Will VAR Ever be as Good as Hawkeye in Tennis?


- Grant Whittington

With VAR (Video Assistant Referee) now being trialed at various cup games across the country in the UK, you would think that the days of contentious decision making and controversial mistakes were about to be consigned to the past.

It’s fair to say that VAR has courted controversy of its own during its brief existence, however, while polarising opinion due to its lack of clarity and long-winded nature.

Still, many will argue that this is more about execution than the technology itself, as VAR remains a relatively new concept in the sport and one that officials will need to familiarise themselves with if it is to become a success.

In this post, we’ll ask whether VAR can ever be a success in football, and whether it has the raw potential to be as good as Hawkeye in tennis?

VAR – The Story so Far

After years of speculation and development, VAR has finally been implemented in this seasons’ FA Cup and League Cup. Despite its rich promise, however, it has been involved in a number of controversies during the last couple of months, while referees appear to be a little uncertain about how to utilise the technology now at their disposal.

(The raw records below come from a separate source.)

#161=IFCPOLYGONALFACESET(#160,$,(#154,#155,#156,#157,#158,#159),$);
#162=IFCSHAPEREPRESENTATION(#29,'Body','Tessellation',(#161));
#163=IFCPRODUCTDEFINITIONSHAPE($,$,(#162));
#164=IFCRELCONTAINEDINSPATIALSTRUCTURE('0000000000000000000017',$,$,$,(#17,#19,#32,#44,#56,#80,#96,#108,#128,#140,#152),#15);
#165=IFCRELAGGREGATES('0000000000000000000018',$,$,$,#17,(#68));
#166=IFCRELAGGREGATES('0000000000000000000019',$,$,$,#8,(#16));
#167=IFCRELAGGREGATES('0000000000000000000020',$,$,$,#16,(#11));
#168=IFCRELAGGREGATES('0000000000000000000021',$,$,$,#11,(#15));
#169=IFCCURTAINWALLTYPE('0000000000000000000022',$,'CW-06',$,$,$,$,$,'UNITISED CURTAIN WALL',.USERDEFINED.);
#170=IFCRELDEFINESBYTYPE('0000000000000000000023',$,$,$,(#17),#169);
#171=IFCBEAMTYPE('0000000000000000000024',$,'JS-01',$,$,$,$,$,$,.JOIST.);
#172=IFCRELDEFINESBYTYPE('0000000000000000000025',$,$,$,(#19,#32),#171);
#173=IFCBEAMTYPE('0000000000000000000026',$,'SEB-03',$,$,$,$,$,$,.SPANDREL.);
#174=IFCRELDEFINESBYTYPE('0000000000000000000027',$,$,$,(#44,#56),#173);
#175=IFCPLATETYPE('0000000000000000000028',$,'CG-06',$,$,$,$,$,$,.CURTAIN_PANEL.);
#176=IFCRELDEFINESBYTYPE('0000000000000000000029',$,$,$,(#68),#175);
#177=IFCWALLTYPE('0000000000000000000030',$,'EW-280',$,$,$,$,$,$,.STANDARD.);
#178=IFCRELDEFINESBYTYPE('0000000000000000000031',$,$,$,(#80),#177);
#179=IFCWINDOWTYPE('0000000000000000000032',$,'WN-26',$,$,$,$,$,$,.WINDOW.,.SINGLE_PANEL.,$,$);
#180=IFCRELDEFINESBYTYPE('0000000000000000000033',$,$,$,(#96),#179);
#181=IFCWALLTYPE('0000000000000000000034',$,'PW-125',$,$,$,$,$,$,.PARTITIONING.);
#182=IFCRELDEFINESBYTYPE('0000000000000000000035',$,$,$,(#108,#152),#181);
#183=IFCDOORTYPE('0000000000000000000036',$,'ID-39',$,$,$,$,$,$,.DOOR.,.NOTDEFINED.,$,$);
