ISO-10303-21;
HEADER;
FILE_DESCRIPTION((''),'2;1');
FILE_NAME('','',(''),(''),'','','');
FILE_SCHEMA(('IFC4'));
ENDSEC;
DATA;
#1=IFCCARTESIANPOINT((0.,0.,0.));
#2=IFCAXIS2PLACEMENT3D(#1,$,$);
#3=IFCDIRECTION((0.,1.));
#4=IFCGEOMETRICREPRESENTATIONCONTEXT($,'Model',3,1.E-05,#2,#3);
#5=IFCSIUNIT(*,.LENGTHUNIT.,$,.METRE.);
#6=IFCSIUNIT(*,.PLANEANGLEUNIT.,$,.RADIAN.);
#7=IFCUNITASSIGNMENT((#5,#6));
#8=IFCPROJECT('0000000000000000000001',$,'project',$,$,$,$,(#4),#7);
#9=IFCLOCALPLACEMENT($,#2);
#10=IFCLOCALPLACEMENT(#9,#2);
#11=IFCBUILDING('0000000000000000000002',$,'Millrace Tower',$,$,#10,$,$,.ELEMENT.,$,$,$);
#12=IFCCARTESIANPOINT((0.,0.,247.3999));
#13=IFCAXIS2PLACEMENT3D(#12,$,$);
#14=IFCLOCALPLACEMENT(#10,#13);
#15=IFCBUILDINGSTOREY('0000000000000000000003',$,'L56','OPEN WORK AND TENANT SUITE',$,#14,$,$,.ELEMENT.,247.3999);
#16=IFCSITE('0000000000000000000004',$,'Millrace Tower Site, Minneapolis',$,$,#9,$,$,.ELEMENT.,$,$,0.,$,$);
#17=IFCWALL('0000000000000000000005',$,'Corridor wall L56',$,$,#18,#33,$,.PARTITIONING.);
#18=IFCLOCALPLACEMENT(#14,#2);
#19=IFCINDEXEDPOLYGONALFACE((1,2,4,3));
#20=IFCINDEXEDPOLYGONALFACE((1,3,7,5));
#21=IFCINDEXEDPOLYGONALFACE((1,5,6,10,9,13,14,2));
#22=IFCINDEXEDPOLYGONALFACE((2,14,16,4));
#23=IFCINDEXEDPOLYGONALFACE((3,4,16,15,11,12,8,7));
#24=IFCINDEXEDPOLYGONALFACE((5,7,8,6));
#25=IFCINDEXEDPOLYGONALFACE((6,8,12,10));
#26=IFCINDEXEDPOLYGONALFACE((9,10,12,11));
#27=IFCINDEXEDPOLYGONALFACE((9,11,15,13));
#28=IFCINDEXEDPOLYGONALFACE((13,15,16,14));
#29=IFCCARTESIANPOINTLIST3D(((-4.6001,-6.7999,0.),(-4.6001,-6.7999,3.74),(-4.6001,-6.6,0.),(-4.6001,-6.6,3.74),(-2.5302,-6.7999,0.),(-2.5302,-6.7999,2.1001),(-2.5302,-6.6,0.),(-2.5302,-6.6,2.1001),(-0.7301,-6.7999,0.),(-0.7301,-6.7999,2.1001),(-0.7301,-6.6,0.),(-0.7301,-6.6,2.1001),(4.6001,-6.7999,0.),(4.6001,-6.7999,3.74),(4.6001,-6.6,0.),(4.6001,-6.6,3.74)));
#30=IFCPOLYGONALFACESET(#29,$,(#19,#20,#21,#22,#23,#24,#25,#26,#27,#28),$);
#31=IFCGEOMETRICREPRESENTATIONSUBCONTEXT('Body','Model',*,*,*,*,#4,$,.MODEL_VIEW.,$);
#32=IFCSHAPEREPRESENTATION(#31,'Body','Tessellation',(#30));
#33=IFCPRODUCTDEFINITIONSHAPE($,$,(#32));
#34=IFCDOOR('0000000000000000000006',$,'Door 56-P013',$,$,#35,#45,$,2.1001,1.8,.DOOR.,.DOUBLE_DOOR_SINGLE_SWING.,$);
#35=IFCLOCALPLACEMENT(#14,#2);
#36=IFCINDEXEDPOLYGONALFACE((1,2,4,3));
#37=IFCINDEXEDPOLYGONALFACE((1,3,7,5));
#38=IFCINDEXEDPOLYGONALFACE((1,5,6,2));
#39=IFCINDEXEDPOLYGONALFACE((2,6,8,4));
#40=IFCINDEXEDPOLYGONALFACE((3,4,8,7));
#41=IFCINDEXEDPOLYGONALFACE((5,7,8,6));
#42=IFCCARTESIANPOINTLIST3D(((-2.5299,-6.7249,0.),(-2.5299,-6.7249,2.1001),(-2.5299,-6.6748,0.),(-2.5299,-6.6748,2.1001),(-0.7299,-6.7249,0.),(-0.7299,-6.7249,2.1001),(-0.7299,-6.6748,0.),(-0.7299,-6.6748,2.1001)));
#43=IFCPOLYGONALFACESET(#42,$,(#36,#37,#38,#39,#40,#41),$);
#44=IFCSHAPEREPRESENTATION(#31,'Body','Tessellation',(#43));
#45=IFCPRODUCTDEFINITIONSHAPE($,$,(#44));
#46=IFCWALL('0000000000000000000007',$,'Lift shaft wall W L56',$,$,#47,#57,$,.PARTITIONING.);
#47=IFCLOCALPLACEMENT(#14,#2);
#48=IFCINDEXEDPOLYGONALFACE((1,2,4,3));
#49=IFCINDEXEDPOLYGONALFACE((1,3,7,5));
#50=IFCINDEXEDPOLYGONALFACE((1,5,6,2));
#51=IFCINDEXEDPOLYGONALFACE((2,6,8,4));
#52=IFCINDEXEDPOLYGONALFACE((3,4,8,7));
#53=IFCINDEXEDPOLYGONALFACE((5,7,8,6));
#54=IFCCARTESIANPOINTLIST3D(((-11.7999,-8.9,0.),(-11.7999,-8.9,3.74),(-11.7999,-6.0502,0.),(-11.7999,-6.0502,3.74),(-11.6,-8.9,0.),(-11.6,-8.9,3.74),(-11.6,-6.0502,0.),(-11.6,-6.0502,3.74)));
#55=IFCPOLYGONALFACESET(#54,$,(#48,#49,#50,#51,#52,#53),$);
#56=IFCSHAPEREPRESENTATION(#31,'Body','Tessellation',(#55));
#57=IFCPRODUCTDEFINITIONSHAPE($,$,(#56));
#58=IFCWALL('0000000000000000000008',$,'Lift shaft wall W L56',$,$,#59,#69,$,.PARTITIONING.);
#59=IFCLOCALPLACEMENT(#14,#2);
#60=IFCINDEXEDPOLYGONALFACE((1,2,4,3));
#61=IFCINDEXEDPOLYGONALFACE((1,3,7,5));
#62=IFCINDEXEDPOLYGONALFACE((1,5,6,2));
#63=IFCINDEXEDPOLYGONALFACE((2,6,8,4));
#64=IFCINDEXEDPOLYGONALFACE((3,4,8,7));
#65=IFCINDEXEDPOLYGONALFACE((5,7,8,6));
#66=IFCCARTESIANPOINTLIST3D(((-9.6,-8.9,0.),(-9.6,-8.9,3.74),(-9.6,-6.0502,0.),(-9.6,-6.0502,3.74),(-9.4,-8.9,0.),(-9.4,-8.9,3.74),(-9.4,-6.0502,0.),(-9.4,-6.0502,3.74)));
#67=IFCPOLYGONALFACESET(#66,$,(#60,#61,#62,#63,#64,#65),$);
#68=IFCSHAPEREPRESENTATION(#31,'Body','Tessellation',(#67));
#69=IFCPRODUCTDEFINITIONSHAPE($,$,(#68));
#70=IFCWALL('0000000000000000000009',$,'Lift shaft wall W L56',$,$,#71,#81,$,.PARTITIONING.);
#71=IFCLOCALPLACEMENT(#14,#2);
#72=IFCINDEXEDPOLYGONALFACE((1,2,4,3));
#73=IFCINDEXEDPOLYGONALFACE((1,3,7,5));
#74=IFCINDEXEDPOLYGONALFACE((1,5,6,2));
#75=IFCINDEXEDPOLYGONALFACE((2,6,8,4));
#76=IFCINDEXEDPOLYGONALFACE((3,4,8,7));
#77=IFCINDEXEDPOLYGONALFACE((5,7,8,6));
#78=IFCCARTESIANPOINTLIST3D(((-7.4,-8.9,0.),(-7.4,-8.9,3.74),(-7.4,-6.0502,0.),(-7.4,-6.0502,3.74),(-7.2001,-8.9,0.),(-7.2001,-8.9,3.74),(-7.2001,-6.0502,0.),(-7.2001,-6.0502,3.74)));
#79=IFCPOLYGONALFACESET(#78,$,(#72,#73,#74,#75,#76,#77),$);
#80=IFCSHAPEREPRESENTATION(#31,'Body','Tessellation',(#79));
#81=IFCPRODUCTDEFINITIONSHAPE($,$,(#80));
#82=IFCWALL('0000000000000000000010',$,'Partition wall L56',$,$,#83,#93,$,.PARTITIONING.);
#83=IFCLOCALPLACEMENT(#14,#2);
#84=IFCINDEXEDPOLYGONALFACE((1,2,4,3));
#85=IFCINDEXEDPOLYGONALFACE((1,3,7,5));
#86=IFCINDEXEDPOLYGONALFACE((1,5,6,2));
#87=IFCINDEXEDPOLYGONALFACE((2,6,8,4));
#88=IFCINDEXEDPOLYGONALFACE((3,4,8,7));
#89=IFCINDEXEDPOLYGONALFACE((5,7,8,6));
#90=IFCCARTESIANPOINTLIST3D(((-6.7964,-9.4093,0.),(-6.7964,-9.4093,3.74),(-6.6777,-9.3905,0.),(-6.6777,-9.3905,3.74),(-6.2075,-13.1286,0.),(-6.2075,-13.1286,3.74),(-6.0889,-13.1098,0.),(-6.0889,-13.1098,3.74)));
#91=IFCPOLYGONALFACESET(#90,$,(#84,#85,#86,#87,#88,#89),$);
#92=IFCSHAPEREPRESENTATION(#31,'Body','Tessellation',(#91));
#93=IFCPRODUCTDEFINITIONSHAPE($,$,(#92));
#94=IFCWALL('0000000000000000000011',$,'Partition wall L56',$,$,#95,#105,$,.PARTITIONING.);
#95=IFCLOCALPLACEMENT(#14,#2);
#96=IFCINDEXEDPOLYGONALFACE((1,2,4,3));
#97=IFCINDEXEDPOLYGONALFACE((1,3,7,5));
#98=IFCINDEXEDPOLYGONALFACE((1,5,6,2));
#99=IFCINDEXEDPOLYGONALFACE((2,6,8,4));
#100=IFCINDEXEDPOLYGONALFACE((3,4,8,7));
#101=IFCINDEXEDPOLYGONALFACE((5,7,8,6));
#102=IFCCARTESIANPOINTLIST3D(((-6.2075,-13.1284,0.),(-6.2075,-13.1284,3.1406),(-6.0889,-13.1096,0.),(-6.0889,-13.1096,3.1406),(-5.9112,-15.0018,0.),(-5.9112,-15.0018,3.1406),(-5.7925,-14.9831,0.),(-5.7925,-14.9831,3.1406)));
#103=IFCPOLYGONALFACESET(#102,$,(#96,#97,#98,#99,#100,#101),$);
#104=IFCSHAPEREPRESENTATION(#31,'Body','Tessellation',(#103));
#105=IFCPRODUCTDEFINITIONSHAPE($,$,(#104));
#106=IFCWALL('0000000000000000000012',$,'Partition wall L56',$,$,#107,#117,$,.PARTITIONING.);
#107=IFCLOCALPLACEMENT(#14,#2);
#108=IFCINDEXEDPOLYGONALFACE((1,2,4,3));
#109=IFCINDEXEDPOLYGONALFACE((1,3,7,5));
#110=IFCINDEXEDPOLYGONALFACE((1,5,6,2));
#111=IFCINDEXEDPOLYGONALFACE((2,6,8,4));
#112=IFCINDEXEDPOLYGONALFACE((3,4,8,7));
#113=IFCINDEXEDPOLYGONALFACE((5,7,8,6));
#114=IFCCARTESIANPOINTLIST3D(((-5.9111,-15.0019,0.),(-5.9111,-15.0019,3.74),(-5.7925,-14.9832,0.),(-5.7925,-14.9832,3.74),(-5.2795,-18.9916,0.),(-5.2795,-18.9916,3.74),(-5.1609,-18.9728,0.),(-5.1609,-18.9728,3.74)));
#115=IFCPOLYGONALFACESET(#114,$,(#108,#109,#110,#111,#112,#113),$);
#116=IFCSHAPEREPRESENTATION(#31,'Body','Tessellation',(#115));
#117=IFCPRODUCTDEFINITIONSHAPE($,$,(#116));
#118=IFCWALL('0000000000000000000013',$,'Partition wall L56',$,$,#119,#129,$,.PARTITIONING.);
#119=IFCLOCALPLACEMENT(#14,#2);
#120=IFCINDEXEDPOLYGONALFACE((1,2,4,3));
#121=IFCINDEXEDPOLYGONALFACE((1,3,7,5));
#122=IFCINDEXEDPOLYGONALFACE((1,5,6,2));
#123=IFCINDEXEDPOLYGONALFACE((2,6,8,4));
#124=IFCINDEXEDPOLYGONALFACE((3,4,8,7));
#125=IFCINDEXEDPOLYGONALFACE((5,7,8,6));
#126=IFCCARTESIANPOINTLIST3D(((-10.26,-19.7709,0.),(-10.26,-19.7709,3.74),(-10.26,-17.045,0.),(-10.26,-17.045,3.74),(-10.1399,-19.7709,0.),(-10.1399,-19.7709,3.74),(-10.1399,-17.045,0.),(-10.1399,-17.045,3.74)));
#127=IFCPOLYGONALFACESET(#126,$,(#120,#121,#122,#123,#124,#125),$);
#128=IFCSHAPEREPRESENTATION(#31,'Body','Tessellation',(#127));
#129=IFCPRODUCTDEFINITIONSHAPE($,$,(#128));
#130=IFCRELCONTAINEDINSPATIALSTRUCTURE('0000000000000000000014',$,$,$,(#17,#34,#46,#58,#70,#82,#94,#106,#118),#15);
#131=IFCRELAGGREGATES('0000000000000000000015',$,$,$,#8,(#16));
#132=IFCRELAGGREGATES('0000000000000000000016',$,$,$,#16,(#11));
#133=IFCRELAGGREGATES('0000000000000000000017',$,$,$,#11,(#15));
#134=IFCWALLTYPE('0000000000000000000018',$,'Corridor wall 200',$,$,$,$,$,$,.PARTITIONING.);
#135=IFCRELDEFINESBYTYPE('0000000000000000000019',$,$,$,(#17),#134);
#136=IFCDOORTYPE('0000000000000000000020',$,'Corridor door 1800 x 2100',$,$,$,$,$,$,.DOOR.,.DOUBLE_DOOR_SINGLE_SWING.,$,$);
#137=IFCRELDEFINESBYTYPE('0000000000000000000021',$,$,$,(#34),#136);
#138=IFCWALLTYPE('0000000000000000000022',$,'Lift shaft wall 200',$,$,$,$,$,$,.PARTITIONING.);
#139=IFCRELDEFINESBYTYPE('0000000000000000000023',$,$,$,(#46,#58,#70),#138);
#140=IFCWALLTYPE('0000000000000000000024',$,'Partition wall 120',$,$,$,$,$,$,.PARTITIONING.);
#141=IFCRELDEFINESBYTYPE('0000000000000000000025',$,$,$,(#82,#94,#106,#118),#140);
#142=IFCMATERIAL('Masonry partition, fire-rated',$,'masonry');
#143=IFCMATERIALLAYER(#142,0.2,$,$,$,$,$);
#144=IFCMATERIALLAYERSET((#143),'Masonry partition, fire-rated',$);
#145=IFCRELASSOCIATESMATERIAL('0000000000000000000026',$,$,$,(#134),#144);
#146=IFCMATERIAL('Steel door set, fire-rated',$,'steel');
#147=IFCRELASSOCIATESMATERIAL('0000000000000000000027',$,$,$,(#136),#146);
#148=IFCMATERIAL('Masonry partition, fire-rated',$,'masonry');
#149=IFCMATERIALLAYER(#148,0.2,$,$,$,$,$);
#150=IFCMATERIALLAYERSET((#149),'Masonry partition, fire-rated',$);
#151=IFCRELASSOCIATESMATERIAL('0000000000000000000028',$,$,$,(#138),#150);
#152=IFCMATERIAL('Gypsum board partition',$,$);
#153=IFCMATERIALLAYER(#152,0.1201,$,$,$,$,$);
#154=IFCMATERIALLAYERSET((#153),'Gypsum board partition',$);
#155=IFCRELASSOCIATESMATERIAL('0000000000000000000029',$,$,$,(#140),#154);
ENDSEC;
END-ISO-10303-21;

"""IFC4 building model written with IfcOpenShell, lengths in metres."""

from ifc_helpers import new_model, si_unit, direction, frame, frame_2d, origin, place, context, subcontext, project, spatial, rectangle, extrude, material, layer, layer_set, type_object, element, fill, save


model = new_model("IFC4")

# Units and contexts
model_context = context("Model", 3, precision=1e-05, world=origin(), true_north=direction((0.0, 1.0)))
body_context = subcontext(model_context, "Body", "Model", "MODEL_VIEW")
ifc_project = project(units=[si_unit("LENGTHUNIT", "METRE"), si_unit("PLANEANGLEUNIT", "RADIAN")], contexts=[model_context])

# Site, building, storey
site_placement = place(None, origin())
site = spatial("IfcSite", under=ifc_project, at=site_placement, Name="Millrace Tower Site, Minneapolis", CompositionType="ELEMENT", RefElevation=0.0)
building_placement = place(site_placement, origin())
building = spatial("IfcBuilding", under=site, at=building_placement, Name="Millrace Tower", CompositionType="ELEMENT")
storey_placement = place(building_placement, frame((0.0, 0.0, 247.3999)))
storey = spatial("IfcBuildingStorey", under=building, at=storey_placement, Name="L56", Description="OPEN WORK AND TENANT SUITE", CompositionType="ELEMENT", Elevation=247.3999)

A few key moments stand out, with one taking place during the recent, FA Cup 5th round tie between Huddersfield and Manchester United at the John Smiths stadium. Towards the end of the first half, Juan Mata collected a square Ashley Young pass before rounding the keeper and sliding home, seemingly sending United into a 2-0 lead.

While the Reds celebrated, however, referee Kevin Friend listened to his earpiece for some guidance from the VAR. Amid the ensuing confusion, it took around two minutes for the goal to be ruled out, while it appeared as though the lines used to determine whether or not Mata was standing in an offside when the ball was played were not straight. A spokesperson subsequently said that these lines were not used to make the decision, but it was hardly a ringing endorsement for the underlying technology.

Then there was the FA Cup tie between Liverpool and West Bromwich Albion at Anfield, which the Baggies won by 3-2. The first half was littered with several VAR decisions, with the Reds awarded a retrospective penalty and Albion’s third goal allowed to stand after an interminable period of waiting. This caused significant delays to an otherwise thrilling half of football, while it appeared as though the officials were unsure of how to fully leverage VAR to their advantage.

This is indicative of what we have seen so far, with referees and their assistants applying the technology inconsistently. While the game at Anfield featured a number of referrals to the VAR, for example, we saw video official Mike Jones fail to review an incident when Willian was seemingly fouled by Timm Klose in the penalty area during Chelsea’s cup tie with Norwich at Stamford Bridge. So, while some seem overly keen to apply VAR technology, others seem loathe to bring this into play in the heat of battle.

The Future for VAR – Will it Ever be as Good as Hawkeye?

While these issues and inconsistencies have caused some to write off VAR, they have a great deal to do with the understanding of officials and how they are encouraged to apply the technology. The current rules dictate that VAR should not come into play unless a “clear and obvious” mistake has been made, and although offers some form of clarity it is still open to individual interpretation.

As the technology evolves and its use is clarified further, however, we should see it applied on a far more consistent basis. Clearly, human error and judgement is the biggest issue here, and this can only be eradicated with patience and over a sustained period of time.

In truth, however, it’s doubtful that VAR will ever achieve the accuracy of the Hawkeye system that is used in tennis and cricket. The reason for this is that these systems are fully automated and only called upon to make simple, linear decisions, such as determining which side of the line a ball has landed on and tracking the flight of a delivery.

In the case of penalty claims, offsides and VAR, human judgement must also be applied to inform referees and make final decisions, and this makes it more likely that officials will make mistakes (or at least impart contentious judgements).

This part of the process will also extend the time taken to arrive at decisions, and for these reasons we should manage our expectations of VAR and be patient while it becomes a fundamental part of the game.